More whores and wars

Woe is us. The incalculable collateral damage from the University of Louisville sex-scandalized basketball program is spreading like STDs at a crack house. Former prospects who publicly confessed that they humped a hooker are straining to explain wherefore to their girlfriends and mothers — between frantic mandates to get tested. They are forever tainted by a stench putrid enough to defy a tomato soup bath. The rest of us want to shower — alone.

Ex recruits’ moms are looking askance at their husbands, wondering if they were among the guardians allegedly seduced by Katina Powell, author of “Breaking Cardinal Rules,” or her dubiously barely legal daughters (happy belated Mother‘s Day). Amid the nuclear fallout, romantic relationships will disintegrate while Cardinal fans agonize and UofL officials age weeks daily.

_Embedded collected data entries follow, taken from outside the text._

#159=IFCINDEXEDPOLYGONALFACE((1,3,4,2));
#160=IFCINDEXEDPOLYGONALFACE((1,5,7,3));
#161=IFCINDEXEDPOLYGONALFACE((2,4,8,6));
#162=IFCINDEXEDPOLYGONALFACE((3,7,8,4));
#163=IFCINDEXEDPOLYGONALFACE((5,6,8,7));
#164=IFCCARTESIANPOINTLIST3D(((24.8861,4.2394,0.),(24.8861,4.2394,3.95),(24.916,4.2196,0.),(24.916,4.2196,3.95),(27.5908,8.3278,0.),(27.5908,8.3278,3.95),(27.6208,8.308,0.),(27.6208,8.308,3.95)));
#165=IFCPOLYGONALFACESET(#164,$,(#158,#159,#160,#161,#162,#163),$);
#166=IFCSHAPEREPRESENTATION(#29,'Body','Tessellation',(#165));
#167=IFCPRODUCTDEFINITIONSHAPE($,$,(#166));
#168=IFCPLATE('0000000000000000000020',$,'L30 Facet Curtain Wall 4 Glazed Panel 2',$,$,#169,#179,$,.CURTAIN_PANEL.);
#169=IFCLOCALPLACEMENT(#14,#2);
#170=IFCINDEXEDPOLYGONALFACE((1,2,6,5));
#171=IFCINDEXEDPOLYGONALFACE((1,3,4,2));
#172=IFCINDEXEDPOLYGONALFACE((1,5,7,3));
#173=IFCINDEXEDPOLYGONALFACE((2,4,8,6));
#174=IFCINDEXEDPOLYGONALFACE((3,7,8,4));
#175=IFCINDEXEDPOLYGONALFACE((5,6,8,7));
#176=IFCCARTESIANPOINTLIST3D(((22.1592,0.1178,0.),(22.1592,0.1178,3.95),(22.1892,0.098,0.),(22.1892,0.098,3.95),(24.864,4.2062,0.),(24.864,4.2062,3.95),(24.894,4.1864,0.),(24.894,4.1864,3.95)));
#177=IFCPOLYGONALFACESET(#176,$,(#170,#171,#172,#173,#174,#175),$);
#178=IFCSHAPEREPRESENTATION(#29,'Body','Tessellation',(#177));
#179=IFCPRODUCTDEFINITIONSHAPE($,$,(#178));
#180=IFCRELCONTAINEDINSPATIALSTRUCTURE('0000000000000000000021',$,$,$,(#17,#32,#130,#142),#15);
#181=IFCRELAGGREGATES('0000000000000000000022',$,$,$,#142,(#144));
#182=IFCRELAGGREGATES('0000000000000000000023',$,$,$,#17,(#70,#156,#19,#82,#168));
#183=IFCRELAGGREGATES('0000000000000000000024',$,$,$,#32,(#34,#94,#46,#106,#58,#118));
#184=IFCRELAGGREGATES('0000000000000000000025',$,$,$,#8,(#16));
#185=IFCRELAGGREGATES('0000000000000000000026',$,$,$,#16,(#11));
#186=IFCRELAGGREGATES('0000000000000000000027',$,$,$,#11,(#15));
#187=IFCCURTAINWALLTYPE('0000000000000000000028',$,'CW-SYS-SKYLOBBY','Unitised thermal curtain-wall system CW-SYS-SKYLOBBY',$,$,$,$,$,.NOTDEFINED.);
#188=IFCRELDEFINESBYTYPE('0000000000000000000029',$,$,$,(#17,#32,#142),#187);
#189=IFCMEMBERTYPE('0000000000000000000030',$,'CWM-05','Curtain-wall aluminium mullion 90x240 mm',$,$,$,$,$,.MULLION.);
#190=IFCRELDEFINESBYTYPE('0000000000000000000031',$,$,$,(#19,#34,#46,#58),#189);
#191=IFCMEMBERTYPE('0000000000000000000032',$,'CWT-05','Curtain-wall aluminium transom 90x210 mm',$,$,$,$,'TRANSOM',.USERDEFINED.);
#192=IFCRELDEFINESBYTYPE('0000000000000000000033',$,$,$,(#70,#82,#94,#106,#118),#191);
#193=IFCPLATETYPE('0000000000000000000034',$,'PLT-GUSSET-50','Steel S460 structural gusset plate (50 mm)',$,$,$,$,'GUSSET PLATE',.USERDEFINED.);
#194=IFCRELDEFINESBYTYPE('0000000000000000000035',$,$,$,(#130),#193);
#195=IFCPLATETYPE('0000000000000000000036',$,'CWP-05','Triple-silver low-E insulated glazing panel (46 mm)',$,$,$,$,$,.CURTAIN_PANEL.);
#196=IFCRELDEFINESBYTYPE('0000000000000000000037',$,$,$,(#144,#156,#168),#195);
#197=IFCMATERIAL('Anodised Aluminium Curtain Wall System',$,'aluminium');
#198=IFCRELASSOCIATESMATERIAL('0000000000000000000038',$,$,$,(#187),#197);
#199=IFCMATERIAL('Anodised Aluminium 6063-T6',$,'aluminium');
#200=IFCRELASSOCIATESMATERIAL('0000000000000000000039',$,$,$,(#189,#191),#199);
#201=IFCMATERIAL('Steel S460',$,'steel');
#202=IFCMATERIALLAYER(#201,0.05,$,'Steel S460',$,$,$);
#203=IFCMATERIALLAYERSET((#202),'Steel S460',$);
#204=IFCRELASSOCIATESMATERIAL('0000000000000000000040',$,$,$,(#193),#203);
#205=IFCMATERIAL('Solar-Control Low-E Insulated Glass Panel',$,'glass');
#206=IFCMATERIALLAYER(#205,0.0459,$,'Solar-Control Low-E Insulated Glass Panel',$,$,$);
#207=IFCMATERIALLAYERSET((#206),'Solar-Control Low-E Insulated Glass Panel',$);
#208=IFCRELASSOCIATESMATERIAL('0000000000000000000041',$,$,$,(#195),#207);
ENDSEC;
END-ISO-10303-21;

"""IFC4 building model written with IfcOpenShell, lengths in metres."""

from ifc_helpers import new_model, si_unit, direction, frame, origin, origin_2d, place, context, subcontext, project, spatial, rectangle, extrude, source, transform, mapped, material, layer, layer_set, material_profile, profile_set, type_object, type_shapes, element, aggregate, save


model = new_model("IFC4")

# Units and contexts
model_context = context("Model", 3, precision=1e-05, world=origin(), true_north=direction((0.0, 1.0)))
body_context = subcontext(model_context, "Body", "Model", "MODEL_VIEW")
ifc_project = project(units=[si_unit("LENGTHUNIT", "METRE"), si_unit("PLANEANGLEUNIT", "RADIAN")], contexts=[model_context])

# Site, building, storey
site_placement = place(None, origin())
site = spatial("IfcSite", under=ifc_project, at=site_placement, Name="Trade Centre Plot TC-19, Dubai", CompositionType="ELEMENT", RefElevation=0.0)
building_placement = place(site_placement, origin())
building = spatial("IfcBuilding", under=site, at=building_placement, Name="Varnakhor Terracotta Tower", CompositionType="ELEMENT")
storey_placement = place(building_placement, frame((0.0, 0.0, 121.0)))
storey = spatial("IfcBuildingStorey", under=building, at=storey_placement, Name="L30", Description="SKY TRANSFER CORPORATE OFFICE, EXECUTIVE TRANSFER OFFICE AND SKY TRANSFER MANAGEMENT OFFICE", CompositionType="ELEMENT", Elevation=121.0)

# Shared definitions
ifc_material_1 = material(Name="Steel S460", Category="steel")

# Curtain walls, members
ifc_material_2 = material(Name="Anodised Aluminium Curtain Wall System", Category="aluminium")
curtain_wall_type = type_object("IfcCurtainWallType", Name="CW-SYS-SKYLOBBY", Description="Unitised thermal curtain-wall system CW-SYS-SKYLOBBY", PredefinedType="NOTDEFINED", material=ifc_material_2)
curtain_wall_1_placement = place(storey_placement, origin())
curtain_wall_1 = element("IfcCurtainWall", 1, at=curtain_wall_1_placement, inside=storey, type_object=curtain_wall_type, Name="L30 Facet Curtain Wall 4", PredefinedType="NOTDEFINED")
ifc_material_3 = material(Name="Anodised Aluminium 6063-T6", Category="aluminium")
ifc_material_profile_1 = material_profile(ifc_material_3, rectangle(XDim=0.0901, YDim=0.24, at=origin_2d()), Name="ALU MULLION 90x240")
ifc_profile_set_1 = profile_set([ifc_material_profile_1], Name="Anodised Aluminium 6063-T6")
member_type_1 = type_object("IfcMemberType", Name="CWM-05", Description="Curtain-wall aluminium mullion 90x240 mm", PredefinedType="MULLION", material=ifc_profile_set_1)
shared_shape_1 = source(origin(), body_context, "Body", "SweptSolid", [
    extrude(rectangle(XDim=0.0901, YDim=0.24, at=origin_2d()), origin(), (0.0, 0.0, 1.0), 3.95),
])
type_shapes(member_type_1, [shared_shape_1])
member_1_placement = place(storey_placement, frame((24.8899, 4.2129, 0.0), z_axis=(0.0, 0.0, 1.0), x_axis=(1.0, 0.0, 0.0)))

On a whirlwind tour to promote her screw-and-tell on TV, the shameless slattern — a dead ringer for the decadent Kit Kat Club emcee in “Cabaret” — is being treated more like Mary Poppins. It’s symptomatic of a sick society that rewards fame and infamy alike. When the smoke clears and the all the carnage is laid bare, inquiring minds will want to know, “Katina, was it all worth your crummy 10 percent?” If she wreaked all this wreckage for a measly one-tenth of the profits, then she needs a pimp less greedy than she.

Reminder of last time’s bumper-sticker brainchild (still in full force): “Don’t buy books by whores (Not that there’s anything wrong with that)” — and this week’s inspiration: “Don’t screw a shrew.”

Since my last offering, former UofL director of basketball operations, Andre McGee — who spearheaded the scandal, according to Powell — has quit as assistant hoops coach at the University of Missouri — Kansas City. Powell alleges, “Andre was the one who always had the money. Passed out the money. Made it rain. Made the deals. Paid for the deals. He would start the music and usually the girls would come out one by one.”

While Powell’s hills are alive with the sound of music (cha-ching!), the Cardinal faithful walk through the valley of the shadow of suspension.

McGee’s attorney, Scott C. Cox of Louisville, vehemently denies his client’s culpability. But his resignation means that he can tell NCAA investigators to bug off (d’ya reckon he will?). It’s a fair bet we’ll hear bupkis (or “kiss my bup”) from McGee unless he’s subpoenaed to testify by a grand jury or trial lawyers.

The good news is that there’s a lawsuit; the bad news is that it’s a train wreck. A UofL student last Thursday sued Powell and her publisher, claiming that the book has devalued her degree, hobbled her job prospects and ability to repay student loans. The civil suit seeks class-action status on behalf of the student body, monetary damages and a jury trial.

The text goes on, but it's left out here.